Hi @danycontre Thanks for the answer and a quick fix. DSC package is now downloaded and executed correctly.

HOWEVER, The script Script-DomainJoinStorage.ps1 has a depreciated argument -EncryptionType 'AES256' for the Join-AzStorageAccount defined:

Join-AzStorageAccount -ResourceGroupName $StorageAccountRG -StorageAccountName $StorageAccountName -OrganizationalUnitDistinguishedName $OUName -DomainAccountType 'ComputerAccount' -EncryptionType 'AES256' -OverwriteExistingADObject #-SamAccountName $SamAccountName

This argument was removed in v 0.2.9 of AzFilesHybrid on Jan 16, 2024:

Removal of an unused parameter in the Join cmdlet, no longer needed because we are using AES256 as the default encryption type. https://github.com/Azure-Samples/azure-files-samples/releases

Therefore, the script fails with:

10-11-24 17:29:15 - MSFT_ScriptResource:25 - [ERROR] 

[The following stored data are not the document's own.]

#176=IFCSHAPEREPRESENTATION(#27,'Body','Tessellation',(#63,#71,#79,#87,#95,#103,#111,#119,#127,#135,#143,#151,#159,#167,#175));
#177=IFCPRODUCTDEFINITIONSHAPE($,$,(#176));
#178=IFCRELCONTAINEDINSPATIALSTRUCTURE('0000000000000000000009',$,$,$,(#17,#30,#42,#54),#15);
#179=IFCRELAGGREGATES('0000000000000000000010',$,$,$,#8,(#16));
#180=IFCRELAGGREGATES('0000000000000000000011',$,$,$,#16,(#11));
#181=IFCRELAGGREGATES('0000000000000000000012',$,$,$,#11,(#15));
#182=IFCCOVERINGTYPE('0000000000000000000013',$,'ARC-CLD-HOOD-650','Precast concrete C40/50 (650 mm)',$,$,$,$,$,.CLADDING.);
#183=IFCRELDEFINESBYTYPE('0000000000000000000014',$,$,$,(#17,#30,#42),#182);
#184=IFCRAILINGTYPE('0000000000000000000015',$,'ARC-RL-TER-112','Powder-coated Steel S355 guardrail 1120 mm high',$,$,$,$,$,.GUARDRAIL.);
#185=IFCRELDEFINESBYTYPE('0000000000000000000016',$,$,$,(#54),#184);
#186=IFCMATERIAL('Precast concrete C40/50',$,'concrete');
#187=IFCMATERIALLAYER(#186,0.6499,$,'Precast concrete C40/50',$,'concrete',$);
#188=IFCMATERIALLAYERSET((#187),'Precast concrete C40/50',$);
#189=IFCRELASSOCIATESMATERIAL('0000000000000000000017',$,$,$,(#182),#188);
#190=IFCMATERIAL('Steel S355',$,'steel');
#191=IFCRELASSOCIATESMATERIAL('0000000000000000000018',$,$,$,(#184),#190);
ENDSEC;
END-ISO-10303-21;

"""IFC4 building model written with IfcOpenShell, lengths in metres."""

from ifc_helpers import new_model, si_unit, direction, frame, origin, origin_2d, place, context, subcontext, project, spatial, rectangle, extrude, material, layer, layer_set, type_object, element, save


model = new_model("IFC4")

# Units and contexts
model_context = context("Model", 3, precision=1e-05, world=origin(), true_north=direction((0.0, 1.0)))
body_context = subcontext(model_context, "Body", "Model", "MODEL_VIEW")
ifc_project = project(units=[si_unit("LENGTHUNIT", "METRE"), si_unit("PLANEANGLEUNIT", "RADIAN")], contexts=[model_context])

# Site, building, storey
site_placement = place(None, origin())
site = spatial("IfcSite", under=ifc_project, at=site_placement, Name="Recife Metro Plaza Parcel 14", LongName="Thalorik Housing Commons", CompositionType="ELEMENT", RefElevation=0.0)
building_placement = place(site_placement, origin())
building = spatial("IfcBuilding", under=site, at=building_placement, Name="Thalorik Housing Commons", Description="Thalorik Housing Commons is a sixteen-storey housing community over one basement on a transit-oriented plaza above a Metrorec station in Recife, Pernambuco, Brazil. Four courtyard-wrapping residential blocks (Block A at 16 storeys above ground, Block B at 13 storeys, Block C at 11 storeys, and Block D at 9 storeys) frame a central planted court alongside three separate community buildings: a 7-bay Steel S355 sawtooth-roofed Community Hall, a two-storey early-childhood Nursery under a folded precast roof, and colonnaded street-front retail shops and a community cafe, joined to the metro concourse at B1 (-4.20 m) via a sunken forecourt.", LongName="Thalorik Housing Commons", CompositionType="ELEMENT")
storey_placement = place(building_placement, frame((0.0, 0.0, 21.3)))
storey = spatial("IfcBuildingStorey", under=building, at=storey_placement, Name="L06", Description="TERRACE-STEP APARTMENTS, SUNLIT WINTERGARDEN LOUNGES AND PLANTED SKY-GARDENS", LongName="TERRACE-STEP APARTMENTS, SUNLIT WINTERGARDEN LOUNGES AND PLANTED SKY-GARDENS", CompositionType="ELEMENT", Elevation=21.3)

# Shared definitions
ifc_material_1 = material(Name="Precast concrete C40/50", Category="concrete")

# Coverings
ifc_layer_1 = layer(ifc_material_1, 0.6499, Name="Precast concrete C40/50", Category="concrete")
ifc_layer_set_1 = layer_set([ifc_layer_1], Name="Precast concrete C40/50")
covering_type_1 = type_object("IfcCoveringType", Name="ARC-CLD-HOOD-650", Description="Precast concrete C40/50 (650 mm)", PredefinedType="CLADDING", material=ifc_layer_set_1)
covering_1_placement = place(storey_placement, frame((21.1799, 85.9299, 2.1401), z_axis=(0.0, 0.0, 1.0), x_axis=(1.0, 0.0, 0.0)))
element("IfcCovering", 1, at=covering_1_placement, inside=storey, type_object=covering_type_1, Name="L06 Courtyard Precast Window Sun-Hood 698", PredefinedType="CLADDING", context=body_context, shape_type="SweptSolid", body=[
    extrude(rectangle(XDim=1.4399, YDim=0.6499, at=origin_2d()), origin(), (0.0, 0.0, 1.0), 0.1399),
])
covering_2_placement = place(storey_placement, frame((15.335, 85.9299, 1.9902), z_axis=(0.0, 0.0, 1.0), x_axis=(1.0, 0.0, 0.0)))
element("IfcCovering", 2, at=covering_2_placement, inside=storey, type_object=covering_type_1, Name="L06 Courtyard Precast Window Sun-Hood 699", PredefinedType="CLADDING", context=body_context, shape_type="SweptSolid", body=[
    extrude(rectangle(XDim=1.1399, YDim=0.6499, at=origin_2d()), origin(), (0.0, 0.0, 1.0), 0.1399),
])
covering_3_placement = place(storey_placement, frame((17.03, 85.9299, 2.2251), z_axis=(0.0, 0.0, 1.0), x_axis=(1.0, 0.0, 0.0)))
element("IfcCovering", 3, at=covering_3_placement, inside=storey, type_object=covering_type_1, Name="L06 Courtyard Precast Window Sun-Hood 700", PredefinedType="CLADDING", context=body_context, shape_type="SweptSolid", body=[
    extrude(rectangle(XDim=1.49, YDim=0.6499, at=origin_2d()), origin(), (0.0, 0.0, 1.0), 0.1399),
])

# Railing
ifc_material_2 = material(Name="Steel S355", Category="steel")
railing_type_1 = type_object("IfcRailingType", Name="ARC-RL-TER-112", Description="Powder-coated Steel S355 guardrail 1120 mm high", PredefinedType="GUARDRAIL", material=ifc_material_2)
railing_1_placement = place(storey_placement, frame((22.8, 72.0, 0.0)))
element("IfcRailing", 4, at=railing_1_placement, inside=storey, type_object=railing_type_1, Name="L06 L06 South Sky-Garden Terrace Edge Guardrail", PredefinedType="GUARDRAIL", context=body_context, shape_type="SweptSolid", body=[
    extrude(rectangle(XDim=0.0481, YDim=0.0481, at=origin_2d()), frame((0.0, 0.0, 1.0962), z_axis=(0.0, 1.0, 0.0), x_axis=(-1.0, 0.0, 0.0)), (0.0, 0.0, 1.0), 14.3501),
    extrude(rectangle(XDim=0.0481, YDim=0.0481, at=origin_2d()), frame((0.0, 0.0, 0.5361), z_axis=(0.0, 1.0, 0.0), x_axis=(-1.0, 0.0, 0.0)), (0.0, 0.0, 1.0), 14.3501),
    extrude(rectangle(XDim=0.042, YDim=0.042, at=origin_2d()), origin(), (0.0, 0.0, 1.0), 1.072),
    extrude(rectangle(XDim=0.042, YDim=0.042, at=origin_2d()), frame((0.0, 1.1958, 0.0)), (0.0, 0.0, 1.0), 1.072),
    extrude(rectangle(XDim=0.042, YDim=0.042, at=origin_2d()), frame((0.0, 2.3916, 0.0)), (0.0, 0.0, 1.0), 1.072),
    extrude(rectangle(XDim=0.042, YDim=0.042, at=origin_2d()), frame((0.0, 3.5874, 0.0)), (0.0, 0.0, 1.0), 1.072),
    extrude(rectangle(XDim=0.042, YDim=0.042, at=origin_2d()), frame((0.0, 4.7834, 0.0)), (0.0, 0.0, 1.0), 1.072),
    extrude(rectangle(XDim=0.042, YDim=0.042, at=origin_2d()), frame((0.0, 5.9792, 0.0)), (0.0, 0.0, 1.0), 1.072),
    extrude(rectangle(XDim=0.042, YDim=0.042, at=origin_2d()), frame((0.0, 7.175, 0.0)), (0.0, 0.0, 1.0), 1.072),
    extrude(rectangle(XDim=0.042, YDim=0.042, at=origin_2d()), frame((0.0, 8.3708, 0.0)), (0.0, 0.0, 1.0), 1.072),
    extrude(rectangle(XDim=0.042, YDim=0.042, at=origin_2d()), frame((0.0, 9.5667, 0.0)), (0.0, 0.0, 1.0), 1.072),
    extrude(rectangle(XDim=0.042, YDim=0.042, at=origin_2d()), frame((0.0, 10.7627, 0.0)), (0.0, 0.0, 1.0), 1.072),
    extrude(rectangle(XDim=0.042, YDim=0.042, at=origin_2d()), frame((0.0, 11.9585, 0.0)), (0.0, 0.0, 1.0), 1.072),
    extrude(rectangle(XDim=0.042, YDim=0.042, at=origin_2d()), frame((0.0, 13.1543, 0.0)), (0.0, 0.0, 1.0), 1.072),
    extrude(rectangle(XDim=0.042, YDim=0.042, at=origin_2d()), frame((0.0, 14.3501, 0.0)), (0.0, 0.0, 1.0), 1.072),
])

Exception             : System.Management.Automation.ParameterBindingException: A parameter cannot be found that 
                        matches parameter name 'EncryptionType'.
                           at System.Management.Automation.ExceptionHandlingOps.CheckActionPreference(FunctionContext 
                        funcContext, Exception exception)
                           at System.Management.Automation.Interpreter.ActionCallInstruction`2.Run(InterpretedFrame 
                        frame)
                           at 
                        System.Management.Automation.Interpreter.EnterTryCatchFinallyInstruction.Run(InterpretedFrame 
                        frame)
                           at 
                        System.Management.Automation.Interpreter.EnterTryCatchFinallyInstruction.Run(InterpretedFrame 
                        frame)
                           at System.Management.Automation.Interpreter.Interpreter.Run(InterpretedFrame frame)
                           at System.Management.Automation.Interpreter.LightLambda.RunVoid1[T0](T0 arg0)
                           at System.Management.Automation.PSScriptCmdlet.RunClause(Action`1 clause, Object 
                        dollarUnderbar, Object inputToProcess)
                           at System.Management.Automation.PSScriptCmdlet.DoEndProcessing()
                           at System.Management.Automation.CommandProcessorBase.Complete()
TargetObject          : 
CategoryInfo          : InvalidArgument: (:) [Script-DomainJoinStorage.ps1], ParameterBindingException
FullyQualifiedErrorId : NamedParameterNotFound,Script-DomainJoinStorage.ps1
ErrorDetails          : 
InvocationInfo        : System.Management.Automation.InvocationInfo
ScriptStackTrace      : at <ScriptBlock>, C:\Packages\DSCStorageScripts-fslogix\Script-DomainJoinStorage.ps1: line 121
                        at <ScriptBlock>, <No file>: line 19
                        at ScriptExecutionHelper, C:\Windows\system32\WindowsPowerShell\v1.0\Modules\PSDesiredStateConfi
                        guration\DscResources\MSFT_ScriptResource\MSFT_ScriptResource.psm1: line 317
                        at Set-TargetResource, C:\Windows\system32\WindowsPowerShell\v1.0\Modules\PSDesiredStateConfigur
                        ation\DscResources\MSFT_ScriptResource\MSFT_ScriptResource.psm1: line 153
PipelineIterationInfo : {}
PSMessageDetails      : 

Could you please edit the

/avdaccelerator/blob/main/workload/scripts/DSCStorageScripts/1.0.1/DSCStorageScripts.zip
/avdaccelerator/blob/main/workload/scripts/DSCStorageScripts/1.0.1/Script-DomainJoinStorage.ps1

and remove this parameter?

Thank you!

[danycontre]

@michael-novak-80 package updated, please try again and let us know the outcome.

[michael-novak-80]

Hi @danycontre

Confirming it works fine now. Many thanks for your support.

@michael-novak-80 package updated, please try again and let us know the outcome.